久保憲司のロック・エンサイクロペディア

CCR『雨を見たいかい』 コロナ時代の空気を歌っていてくれている歌。シンプルでファンキーなロックンロール、R&Bバンドは復活する

 

今のコロナ時代を一番いい当てている曲は日本のフォーク史というかロック史を代表する泉谷しげるの『春夏秋冬』だと思います。

 

季節のない街に生まれ
風のない丘に育ち
夢のない家を出て
愛のない人にあう

人のためによかれと思い
西から東へかけずりまわる
やっとみつけたやさしさは
いともたやすく しなびた

春をながめる余裕もなく
夏をのりきる力もなく
秋の枯葉に身をつつみ
冬に骨身をさらけ出す

今日ですべてが終わるさ
今日ですべてが変わる
今日ですべてがむくわれるさ
今日ですべてが始まるさ

 

この不朽の名曲についてどんなことを歌っているのか誰も泉谷さんに聞いてないんですかね。

当時の人は、この歌がどんなこと歌っていたのか分かっていたのか、時代の空気で分かっていたのか、とっても気になるとこです。

「春夏秋冬」は福山雅治が、アミューズのオーディションの時に歌い、デビュー後もライブやラジオなどでは歌い、バブル時代、いやバブル崩壊の歌と感じられていたのでしょうか。

残念ながら福山さんのCDでは、淡々と歌う「春夏秋冬」のオリジナルの良さを引き継がず、だんだんと盛り上げるように歌い、“なんか世の中つらいよな、でも頑張るか、頑張るぞ!みたいな歌になっていて残念です。

でも泉谷さんもこの曲を「頑張るぞ」みたいな感じで熱唱する気満々だったそうで、それをプロデューサーの加藤和彦が「そんな日本ぽいアレンジかっこ悪いよ、洋楽はあっさりと歌っているからかっこいいんだよ」とさとしたそうです。きっと泉谷さんのことだから録音してる時は「なんだよ加藤の洋楽かぶれのバカ野郎が、俺に熱唱させろ」と灰皿スタンドを蹴っていたのかもしれません。後には、「加藤の言うとおり録音したのがよかった」と言ってましたが。

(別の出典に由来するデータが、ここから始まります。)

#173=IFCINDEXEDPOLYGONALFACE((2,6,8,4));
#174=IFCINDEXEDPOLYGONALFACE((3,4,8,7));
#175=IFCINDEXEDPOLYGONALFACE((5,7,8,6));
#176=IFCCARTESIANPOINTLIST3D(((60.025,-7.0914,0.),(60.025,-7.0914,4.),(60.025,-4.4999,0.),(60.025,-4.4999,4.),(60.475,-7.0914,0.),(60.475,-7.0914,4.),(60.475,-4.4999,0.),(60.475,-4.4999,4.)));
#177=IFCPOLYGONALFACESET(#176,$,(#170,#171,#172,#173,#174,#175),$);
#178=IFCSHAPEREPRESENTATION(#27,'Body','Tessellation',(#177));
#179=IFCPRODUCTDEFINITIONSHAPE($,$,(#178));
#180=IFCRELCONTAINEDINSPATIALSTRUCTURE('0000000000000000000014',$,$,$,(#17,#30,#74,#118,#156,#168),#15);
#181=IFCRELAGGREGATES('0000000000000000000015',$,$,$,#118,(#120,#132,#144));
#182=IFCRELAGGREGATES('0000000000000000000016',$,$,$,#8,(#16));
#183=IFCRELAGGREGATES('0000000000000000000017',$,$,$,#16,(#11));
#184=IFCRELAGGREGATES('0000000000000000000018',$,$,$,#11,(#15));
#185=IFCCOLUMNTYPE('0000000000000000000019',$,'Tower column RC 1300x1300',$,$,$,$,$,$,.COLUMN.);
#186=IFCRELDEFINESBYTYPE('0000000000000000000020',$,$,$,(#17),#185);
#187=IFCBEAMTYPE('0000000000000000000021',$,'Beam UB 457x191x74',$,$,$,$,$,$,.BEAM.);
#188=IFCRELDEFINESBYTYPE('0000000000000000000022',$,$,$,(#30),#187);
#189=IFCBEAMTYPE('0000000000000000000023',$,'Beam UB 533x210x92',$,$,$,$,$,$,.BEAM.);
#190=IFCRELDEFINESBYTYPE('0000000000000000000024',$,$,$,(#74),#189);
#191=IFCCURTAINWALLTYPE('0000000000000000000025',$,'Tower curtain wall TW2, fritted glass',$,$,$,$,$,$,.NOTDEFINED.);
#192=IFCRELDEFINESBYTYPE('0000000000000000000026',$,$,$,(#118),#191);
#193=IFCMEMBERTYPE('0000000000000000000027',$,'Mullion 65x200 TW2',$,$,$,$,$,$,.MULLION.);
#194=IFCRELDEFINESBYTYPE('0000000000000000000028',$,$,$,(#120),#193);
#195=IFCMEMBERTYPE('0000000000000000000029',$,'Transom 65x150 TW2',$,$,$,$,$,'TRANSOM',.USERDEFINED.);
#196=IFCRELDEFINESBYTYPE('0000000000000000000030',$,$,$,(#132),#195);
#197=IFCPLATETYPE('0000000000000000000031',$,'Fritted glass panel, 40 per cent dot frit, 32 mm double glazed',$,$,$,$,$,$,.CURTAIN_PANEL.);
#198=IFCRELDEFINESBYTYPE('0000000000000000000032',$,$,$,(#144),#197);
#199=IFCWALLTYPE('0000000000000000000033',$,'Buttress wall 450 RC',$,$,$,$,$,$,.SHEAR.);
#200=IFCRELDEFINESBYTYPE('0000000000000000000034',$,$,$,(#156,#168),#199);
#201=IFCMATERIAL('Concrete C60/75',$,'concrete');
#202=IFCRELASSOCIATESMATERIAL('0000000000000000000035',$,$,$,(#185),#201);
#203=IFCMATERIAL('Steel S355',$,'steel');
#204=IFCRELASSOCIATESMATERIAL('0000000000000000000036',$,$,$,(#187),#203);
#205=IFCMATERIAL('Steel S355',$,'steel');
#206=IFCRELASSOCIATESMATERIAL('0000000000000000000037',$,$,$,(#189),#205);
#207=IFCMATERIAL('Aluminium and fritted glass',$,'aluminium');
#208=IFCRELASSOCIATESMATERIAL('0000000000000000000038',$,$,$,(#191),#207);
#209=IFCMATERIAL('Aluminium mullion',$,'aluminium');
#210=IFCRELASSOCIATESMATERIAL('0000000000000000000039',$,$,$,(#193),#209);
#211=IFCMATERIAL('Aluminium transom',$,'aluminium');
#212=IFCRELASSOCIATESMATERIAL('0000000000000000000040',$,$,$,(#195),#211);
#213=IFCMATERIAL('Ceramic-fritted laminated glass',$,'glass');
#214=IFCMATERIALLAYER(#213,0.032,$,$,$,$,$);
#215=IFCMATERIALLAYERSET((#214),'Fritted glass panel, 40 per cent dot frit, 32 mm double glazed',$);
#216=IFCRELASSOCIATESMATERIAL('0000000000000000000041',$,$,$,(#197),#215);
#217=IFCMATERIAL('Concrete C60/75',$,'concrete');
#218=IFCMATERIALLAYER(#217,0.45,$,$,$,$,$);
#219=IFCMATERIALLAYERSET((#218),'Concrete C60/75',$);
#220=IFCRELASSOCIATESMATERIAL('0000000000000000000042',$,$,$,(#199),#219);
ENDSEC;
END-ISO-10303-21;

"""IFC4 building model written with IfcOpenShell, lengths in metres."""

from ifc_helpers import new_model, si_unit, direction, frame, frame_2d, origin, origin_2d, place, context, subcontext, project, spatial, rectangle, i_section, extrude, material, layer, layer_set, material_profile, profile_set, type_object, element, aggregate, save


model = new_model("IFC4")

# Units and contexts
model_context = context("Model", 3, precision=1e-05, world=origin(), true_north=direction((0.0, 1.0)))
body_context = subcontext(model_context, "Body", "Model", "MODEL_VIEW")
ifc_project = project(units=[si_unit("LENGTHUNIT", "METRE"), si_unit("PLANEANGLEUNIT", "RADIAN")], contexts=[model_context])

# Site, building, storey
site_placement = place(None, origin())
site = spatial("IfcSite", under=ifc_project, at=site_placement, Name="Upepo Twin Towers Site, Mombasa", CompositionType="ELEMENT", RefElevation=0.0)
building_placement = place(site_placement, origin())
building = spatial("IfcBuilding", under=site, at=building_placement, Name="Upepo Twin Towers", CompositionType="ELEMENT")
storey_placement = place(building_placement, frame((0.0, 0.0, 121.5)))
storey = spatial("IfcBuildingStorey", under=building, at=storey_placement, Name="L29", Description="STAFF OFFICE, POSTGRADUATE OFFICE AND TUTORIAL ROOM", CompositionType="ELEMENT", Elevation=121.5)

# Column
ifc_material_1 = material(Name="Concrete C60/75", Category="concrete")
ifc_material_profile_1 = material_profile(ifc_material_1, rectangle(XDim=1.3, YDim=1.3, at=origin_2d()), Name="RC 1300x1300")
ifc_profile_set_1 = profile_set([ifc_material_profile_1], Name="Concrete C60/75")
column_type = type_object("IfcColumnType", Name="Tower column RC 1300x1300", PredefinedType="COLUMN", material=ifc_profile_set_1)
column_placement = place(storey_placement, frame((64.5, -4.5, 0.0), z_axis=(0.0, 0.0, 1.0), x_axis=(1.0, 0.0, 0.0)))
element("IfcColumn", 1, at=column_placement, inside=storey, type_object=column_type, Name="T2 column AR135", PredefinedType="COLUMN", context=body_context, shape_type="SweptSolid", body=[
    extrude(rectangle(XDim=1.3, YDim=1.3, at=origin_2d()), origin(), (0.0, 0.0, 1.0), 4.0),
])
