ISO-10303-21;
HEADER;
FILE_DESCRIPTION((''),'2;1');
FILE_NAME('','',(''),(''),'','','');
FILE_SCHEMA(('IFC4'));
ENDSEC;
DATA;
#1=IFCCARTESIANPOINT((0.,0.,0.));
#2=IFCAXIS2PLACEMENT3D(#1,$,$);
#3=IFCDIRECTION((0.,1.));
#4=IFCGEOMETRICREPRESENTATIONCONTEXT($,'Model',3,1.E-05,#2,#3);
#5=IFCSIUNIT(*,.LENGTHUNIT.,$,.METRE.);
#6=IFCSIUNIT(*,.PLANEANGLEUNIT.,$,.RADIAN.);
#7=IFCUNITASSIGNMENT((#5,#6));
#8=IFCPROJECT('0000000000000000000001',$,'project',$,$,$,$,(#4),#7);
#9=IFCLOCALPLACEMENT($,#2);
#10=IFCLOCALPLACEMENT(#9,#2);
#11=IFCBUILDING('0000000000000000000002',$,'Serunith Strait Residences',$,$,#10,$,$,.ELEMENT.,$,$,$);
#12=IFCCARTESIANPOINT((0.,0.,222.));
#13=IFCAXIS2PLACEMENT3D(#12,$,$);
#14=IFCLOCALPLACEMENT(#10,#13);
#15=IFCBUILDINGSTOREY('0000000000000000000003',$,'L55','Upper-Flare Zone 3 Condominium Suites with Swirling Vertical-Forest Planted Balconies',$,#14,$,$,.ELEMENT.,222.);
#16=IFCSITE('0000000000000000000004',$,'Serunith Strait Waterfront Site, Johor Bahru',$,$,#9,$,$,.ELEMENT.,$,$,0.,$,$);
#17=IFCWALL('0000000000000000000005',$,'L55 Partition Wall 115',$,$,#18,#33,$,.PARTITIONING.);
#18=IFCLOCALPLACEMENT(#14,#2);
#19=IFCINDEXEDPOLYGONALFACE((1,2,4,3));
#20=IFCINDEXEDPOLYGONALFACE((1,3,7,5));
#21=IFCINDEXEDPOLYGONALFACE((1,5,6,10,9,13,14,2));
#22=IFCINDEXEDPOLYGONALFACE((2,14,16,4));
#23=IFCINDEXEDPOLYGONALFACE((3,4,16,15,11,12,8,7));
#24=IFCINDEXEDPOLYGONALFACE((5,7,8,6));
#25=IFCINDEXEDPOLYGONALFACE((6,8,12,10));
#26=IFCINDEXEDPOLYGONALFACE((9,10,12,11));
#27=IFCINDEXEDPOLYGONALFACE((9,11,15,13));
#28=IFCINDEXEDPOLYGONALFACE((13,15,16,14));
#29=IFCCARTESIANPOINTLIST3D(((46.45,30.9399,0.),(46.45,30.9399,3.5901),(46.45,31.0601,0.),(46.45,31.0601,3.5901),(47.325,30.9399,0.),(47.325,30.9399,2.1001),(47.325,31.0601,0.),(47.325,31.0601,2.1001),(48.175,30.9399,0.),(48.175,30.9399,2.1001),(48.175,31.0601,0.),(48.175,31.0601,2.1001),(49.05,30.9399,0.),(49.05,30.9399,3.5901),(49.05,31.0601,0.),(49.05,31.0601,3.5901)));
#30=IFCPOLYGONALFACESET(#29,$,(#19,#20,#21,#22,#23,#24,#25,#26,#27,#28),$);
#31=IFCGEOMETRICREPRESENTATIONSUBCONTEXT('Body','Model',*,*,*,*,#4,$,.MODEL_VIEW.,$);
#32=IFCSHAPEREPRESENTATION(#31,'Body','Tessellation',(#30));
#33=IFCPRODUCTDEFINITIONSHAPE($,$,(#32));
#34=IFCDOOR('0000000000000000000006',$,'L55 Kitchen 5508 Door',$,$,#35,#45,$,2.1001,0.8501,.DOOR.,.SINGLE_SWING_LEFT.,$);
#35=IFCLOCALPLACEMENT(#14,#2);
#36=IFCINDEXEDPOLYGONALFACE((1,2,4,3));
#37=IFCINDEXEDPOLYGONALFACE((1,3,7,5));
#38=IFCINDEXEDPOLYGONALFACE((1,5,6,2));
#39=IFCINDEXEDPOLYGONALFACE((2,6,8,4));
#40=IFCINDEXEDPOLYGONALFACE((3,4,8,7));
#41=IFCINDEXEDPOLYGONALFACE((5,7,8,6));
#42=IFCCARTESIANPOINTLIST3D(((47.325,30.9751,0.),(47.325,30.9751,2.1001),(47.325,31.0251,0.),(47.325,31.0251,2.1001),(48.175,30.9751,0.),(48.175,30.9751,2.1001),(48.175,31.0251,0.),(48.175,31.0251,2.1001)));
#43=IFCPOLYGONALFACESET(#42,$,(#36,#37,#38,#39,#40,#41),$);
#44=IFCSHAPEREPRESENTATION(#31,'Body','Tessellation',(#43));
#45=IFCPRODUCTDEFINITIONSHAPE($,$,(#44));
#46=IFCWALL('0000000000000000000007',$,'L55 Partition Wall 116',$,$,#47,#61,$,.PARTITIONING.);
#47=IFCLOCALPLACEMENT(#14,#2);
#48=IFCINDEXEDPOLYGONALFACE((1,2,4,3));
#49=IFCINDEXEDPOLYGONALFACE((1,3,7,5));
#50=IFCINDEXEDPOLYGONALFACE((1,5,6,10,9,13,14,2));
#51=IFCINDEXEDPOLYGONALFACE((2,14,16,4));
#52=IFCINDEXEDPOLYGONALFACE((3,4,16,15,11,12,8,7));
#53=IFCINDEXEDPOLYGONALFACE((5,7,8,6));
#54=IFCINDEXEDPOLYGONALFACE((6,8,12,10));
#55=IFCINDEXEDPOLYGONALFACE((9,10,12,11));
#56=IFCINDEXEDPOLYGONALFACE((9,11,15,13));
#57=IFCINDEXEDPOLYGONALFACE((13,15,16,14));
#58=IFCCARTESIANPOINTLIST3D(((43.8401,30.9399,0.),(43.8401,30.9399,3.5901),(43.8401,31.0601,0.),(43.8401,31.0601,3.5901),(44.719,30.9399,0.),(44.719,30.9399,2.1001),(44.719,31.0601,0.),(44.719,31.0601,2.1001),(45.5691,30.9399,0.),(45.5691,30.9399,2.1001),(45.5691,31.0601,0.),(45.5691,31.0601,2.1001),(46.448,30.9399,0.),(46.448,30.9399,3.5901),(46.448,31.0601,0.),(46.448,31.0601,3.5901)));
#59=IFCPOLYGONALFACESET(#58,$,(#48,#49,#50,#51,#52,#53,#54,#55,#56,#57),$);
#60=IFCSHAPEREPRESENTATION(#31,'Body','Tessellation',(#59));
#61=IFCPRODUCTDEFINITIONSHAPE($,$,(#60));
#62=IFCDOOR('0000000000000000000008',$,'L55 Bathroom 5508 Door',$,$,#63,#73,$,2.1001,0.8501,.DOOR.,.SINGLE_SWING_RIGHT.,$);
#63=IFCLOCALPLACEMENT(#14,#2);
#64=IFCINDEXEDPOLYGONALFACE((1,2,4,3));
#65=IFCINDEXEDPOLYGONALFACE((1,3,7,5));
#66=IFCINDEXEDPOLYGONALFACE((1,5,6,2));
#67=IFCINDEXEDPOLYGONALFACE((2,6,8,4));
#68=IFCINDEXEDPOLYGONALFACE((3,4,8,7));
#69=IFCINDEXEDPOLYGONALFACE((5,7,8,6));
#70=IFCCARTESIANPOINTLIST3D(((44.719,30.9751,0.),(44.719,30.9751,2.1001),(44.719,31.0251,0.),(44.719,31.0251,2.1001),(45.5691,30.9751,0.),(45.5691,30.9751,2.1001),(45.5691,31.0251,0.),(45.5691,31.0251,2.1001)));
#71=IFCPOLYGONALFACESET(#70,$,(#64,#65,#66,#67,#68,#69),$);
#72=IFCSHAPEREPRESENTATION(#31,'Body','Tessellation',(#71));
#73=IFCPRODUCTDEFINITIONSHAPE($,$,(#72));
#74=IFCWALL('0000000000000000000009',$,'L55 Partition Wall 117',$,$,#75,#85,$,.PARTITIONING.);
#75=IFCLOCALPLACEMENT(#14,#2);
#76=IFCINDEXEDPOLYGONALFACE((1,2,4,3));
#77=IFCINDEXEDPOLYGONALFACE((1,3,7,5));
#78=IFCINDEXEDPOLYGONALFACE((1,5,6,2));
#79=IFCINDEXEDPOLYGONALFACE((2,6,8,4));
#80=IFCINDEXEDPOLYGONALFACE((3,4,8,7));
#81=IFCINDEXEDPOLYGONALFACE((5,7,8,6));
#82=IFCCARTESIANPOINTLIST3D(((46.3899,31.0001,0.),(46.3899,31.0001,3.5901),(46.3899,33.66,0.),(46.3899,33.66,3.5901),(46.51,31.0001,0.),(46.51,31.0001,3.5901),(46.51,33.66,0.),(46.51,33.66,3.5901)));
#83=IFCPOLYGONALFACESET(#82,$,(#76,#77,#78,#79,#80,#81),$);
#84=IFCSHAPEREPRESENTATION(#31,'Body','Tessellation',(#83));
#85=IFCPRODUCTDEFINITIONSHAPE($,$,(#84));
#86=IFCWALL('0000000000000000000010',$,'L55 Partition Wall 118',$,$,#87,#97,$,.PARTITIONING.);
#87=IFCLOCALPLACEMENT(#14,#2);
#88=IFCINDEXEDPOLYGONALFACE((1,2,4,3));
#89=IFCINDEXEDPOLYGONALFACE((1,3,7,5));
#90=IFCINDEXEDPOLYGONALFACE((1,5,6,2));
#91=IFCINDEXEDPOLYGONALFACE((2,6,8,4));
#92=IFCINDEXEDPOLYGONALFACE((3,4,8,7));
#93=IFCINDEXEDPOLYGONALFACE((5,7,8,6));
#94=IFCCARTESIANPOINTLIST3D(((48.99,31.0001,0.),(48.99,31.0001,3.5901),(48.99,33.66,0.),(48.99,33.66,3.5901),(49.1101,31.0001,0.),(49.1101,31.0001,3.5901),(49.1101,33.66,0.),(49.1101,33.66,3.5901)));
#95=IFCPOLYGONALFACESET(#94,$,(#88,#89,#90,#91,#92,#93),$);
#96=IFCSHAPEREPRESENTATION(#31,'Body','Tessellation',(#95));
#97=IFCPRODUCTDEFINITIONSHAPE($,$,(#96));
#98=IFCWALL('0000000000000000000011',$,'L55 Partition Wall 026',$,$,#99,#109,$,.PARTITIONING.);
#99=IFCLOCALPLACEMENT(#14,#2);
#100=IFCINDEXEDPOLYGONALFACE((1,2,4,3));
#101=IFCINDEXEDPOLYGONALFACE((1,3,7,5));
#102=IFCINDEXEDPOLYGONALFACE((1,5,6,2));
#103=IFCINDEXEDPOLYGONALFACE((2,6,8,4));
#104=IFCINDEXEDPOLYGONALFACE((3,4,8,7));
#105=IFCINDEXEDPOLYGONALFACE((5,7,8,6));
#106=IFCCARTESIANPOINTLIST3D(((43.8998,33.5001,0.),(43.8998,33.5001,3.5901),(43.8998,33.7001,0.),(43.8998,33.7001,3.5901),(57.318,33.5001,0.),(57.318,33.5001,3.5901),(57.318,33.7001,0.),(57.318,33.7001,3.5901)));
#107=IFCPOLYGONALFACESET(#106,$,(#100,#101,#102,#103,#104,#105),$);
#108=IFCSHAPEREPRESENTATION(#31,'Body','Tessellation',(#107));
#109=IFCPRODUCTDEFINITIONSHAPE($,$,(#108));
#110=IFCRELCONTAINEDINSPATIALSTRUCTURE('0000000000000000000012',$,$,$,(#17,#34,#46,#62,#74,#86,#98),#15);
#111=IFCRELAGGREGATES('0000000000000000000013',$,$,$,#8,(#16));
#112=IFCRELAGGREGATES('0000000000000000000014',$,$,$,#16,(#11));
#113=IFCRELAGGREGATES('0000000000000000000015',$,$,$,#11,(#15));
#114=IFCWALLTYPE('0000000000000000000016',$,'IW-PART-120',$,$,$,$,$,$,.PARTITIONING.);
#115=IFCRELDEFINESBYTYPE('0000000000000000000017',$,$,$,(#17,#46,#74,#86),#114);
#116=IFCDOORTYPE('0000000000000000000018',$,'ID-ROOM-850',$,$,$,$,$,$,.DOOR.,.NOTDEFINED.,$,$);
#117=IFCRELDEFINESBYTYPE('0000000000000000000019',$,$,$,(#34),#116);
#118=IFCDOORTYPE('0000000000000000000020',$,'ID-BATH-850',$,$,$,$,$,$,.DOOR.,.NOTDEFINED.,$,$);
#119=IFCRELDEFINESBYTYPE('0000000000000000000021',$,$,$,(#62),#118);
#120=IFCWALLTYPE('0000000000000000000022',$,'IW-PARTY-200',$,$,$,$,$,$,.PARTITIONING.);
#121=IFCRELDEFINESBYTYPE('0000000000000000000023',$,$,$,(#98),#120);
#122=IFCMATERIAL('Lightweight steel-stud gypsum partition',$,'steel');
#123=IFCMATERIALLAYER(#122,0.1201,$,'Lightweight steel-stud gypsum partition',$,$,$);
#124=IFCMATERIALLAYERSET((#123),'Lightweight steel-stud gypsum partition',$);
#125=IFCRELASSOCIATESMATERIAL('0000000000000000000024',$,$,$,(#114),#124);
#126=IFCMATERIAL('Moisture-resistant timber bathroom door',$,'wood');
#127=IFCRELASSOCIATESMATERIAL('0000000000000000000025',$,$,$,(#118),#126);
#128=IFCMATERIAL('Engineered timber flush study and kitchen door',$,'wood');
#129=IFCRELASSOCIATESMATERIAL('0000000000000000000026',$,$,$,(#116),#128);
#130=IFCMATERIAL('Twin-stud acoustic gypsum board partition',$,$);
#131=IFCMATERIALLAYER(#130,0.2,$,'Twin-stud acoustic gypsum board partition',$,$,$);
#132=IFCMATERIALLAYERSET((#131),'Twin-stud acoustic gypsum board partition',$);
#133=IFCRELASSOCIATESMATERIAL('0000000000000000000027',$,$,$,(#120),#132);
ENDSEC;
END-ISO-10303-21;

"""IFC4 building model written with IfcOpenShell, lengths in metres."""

from ifc_helpers import new_model, si_unit, direction, frame, frame_2d, origin, place, context, subcontext, project, spatial, rectangle, extrude, source, transform, mapped, material, layer, layer_set, type_object, element, fill, save


model = new_model("IFC4")

# Units and contexts
model_context = context("Model", 3, precision=1e-05, world=origin(), true_north=direction((0.0, 1.0)))
body_context = subcontext(model_context, "Body", "Model", "MODEL_VIEW")
ifc_project = project(units=[si_unit("LENGTHUNIT", "METRE"), si_unit("PLANEANGLEUNIT", "RADIAN")], contexts=[model_context])

# Site, building, storey
site_placement = place(None, origin())
site = spatial("IfcSite", under=ifc_project, at=site_placement, Name="Serunith Strait Waterfront Site, Johor Bahru", CompositionType="ELEMENT", RefElevation=0.0)
building_placement = place(site_placement, origin())
building = spatial("IfcBuilding", under=site, at=building_placement, Name="Serunith Strait Residences", CompositionType="ELEMENT")
storey_placement = place(building_placement, frame((0.0, 0.0, 222.0)))
storey = spatial("IfcBuildingStorey", under=building, at=storey_placement, Name="L55", Description="Upper-Flare Zone 3 Condominium Suites with Swirling Vertical-Forest Planted Balconies", CompositionType="ELEMENT", Elevation=222.0)

# Shared definitions
ifc_material_1 = material(Name="Lightweight steel-stud gypsum partition", Category="steel")
ifc_layer_1 = layer(ifc_material_1, 0.1201, Name="Lightweight steel-stud gypsum partition")
ifc_layer_set_1 = layer_set([ifc_layer_1], Name="Lightweight steel-stud gypsum partition")
wall_type_1 = type_object("IfcWallType", Name="IW-PART-120", PredefinedType="PARTITIONING", material=ifc_layer_set_1)
ifc_material_2 = material(Name="Moisture-resistant timber bathroom door", Category="wood")
door_type_1 = type_object("IfcDoorType", Name="ID-BATH-850", OperationType="NOTDEFINED", PredefinedType="DOOR", material=ifc_material_2)
shared_shape_1 = source(origin(), body_context, "Body", "SweptSolid", [
    extrude(rectangle(XDim=0.8501, YDim=2.1001, at=frame_2d((0.425, 1.05))), frame((0.0, 0.0249, 0.0), z_axis=(0.0, -1.0, 0.0), x_axis=(1.0, 0.0, 0.0)), (0.0, 0.0, 1.0), 0.05),
])
ifc_material_3 = material(Name="Engineered timber flush study and kitchen door", Category="wood")
door_type_2 = type_object("IfcDoorType", Name="ID-ROOM-850", OperationType="NOTDEFINED", PredefinedType="DOOR", material=ifc_material_3)

# Walls, openings, doors
wall_1_placement = place(storey_placement, frame((49.05, 31.0, 0.0), z_axis=(0.0, 0.0, 1.0), x_axis=(-1.0, 0.0, 0.0)))
wall_1 = element("IfcWall", 1, at=wall_1_placement, inside=storey, type_object=wall_type_1, Name="L55 Partition Wall 115", PredefinedType="PARTITIONING", context=body_context, shape_type="SweptSolid", body=[
    extrude(rectangle(XDim=2.6001, YDim=0.1201, at=frame_2d((1.3, 0.0))), origin(), (0.0, 0.0, 1.0), 3.5901),
])
opening_1_placement = place(wall_1_placement, frame((0.875, 0.0, 0.0)))
opening_1 = element("IfcOpeningElement", 2, at=opening_1_placement, cuts=wall_1, PredefinedType="OPENING", context=body_context, shape_type="SweptSolid", body=[
    extrude(rectangle(XDim=0.8501, YDim=2.1001, at=frame_2d((0.425, 1.05))), frame((0.0, 0.0701, 0.0), z_axis=(0.0, -1.0, 0.0), x_axis=(1.0, 0.0, 0.0)), (0.0, 0.0, 1.0), 0.1401),
])
door_1_placement = place(opening_1_placement, origin())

今日本に必要なのは加藤和彦さんのような洋楽かぶれのプロデューサーなのかなと思います。だからBTSやブラック・ピンクが日本から出現しないで、“昨日メシ食ったか”とか、“お前と一緒にそい遂げる”みたいな演歌みたいな歌が世に貼り込んでいるんだと思います。

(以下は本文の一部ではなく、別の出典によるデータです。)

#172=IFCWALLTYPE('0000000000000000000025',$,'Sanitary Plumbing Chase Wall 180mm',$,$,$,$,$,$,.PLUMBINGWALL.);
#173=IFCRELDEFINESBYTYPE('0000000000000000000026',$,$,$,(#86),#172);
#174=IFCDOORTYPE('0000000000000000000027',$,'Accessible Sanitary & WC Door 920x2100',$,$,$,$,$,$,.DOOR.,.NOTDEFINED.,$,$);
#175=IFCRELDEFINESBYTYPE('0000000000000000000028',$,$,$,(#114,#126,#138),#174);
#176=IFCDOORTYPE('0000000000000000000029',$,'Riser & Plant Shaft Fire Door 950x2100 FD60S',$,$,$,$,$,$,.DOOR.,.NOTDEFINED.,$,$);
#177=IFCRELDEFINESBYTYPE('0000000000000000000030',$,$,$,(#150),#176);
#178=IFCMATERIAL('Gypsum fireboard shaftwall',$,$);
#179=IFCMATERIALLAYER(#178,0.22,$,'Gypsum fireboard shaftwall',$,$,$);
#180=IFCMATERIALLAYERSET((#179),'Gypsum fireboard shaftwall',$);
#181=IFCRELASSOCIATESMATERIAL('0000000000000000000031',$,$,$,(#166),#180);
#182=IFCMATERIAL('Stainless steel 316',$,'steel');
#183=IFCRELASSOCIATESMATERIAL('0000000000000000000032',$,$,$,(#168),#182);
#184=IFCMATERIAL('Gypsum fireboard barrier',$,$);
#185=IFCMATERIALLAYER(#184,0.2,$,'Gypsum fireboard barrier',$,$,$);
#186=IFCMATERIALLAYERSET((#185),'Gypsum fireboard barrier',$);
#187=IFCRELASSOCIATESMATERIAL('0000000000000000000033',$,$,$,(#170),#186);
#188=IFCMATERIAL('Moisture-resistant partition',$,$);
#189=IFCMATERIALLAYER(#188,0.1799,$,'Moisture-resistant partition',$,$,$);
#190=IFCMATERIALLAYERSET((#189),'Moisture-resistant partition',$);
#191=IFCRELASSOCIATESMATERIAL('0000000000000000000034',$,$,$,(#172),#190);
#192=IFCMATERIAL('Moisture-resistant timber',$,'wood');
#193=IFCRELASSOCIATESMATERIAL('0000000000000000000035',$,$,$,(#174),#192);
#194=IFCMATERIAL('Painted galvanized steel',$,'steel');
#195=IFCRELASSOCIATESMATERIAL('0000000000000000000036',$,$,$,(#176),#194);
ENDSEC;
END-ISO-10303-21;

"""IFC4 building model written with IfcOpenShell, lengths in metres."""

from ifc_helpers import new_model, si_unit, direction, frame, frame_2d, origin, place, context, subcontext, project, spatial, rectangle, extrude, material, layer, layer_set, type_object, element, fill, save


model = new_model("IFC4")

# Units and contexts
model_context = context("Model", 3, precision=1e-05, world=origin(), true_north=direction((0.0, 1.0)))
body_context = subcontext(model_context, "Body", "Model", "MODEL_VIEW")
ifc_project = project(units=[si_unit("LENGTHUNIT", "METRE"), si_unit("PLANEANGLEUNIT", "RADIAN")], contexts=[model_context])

絶対こんな歌じゃ世界に受けないと思うんです。外人はドライですから。

韓国もK-POPの始まりとなったソテジワアイドゥル以前は演歌調で上の人を敬い、家族を愛し、国家に反抗しない歌ばかりでした。ソテジワアイドゥルはそんなの知らないよ、いや関係ない、そんなこといつまでも歌ってたら、韓国に未来はないとカウンター・カルチャーをかけたのです。ソテジワアイドゥルのアルバム『時代遺憾(シデユガム、시대유감)』は歌詞が歌詞検閲制度によって不適切だと判断され、歌詞を一切削除し発売されました。

ソテジワアイドゥルのメンバーだったヤン・ヒョンソクが作ったYGエンターテインメントがBIGBANG、BLACKPINKを売り出していくのです。

K-POPってアイドルって思われがちですが、根底にはすごい反骨精神があるんです。80年代半ばまで独裁体制の国でしたからね。もちろん今も愛国的な発言をするアイドルもいますけどね。K-POPの底辺には独裁体制時代への反発、その残骸にも怒りをずっと持っているんだと思います。

そして、勝利していっているんですよね。

『時代遺憾』から約一年後、歌詞検閲制度は廃止され、記念として歌詞入りのミニ・アルバム『時代遺憾』がリリースされたのです。

コロナの話からK-POPの話になってしまいました。本当は洋楽でコロナ時代を歌っている歌ってなんだろうなという話に持っていきたかったのに。

僕が一番今の時代の空気を歌っていてくれている歌ってCCRの『雨を見たいかい』と言う歌です。